One question. My computers differ in available ram. Is it possible to start texelcl on pc1 with say 8 GB ram and 32 GB specified on pc2 in Aquarium (using runcmd.exe)? In Aquarium I can set the hash size easily but how would I tell pc1 to use 8 GB ram instead of 32 GB? Or am I forced to use only 8 GB on both?

mpiexec has a switch for setting the # of cores (-cores <num_cores_per_host>) but not for ram.
petero2
Posts: 685
Joined: Mon Apr 19, 2010 7:07 pm
Location: Sweden
Full name: Peter Osterlund

Re: Texel 1.07

Post by petero2 »

yorkman wrote:One question. My computers differ in available ram. Is it possible to start texelcl on pc1 with say 8 GB ram and 32 GB specified on pc2 in Aquarium (using runcmd.exe)? In Aquarium I can set the hash size easily but how would I tell pc1 to use 8 GB ram instead of 32 GB? Or am I forced to use only 8 GB on both?
If texel cannot allocate the requested amount of memory for the hash table it will try again with half the size, repeatedly until the allocation succeeds. Therefore it should work to set the hash table size to 32 GB and if pc1 does not have that much ram, it will settle for a smaller hash table.

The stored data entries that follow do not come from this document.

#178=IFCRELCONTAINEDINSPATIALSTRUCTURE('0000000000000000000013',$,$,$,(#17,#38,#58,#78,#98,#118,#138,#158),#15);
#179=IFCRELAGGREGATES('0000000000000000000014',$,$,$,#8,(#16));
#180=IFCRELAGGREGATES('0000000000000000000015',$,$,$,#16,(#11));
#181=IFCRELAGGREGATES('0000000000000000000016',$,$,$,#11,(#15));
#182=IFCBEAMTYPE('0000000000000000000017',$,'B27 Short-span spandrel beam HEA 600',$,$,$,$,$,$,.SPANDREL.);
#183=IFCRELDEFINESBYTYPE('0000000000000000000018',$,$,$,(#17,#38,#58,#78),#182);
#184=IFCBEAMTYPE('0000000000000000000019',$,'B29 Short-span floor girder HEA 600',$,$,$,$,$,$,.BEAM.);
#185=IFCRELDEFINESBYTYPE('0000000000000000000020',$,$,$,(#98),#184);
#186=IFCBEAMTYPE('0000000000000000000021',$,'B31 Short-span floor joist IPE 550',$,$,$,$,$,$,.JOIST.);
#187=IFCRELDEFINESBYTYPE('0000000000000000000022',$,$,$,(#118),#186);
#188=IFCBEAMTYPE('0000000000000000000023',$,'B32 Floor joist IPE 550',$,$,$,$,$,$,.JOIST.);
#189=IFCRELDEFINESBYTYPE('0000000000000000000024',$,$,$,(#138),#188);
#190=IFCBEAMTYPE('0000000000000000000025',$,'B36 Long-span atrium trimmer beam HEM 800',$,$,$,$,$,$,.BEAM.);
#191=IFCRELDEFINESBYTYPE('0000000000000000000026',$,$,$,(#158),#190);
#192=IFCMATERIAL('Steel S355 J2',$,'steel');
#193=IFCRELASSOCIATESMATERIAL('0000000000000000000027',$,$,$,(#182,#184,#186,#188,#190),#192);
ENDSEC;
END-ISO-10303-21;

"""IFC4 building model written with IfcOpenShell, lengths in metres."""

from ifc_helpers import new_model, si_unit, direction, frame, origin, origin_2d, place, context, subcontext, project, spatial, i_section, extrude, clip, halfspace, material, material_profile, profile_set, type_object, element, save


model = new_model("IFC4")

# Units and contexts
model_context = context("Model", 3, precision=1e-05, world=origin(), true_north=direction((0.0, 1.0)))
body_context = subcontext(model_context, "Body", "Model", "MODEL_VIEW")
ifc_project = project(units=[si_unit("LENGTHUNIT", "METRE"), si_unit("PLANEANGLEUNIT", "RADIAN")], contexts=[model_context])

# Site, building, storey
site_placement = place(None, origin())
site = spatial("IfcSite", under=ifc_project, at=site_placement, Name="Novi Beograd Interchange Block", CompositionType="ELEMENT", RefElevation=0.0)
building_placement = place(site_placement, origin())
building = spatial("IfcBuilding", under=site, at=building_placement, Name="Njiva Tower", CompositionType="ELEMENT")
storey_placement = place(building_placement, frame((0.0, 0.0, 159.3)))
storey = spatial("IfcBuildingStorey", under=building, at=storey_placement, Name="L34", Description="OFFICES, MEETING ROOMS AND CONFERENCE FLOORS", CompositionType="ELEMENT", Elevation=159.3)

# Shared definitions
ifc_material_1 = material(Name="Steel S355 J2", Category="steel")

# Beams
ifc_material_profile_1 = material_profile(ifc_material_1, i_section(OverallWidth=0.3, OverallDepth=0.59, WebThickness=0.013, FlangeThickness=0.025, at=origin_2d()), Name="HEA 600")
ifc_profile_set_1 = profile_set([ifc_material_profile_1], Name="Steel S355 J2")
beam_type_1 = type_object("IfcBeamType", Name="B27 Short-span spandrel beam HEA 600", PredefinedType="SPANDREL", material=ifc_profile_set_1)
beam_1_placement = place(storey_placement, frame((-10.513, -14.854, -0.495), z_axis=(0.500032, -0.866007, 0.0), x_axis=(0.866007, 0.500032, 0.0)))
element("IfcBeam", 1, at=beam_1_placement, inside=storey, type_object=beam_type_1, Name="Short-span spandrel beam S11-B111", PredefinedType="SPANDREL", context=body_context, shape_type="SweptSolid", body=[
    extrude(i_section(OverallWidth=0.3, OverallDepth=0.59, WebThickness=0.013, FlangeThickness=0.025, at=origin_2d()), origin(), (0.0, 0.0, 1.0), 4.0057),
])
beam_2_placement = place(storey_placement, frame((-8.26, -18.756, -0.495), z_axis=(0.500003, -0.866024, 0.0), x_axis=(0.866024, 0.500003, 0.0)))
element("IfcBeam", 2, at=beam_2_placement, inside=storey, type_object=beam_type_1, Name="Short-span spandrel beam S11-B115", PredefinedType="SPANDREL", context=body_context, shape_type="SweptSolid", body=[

I admit though that I have only tested this feature in linux when no swap file is used. I don't know if it works in windows. There is a risk it might allocate a too large hash table and then cause a lot of swapping and extermely low NPS.
yorkman wrote:mpiexec has a switch for setting the # of cores (-cores <num_cores_per_host>) but not for ram.
I want to remind you again that using "-cores" is not useful for texel, because texel assumes only one process per host is started by mpiexec. Texel will then create the correct number of threads to fully utilize all cores on each host, assuming you set the "Threads" UCI parameter to the total number of cores available in the cluster.
yorkman
Posts: 105
Joined: Thu Jul 27, 2017 10:59 pm

Re: Texel 1.07

Post by yorkman »

Thanks Peter for all your help. I'll be sure to test it more seriously when I get both my pc's fully available for a few days. Right now they are on a totally separate network so it's not possible but I did test it quickly with two pc's just to see if it works.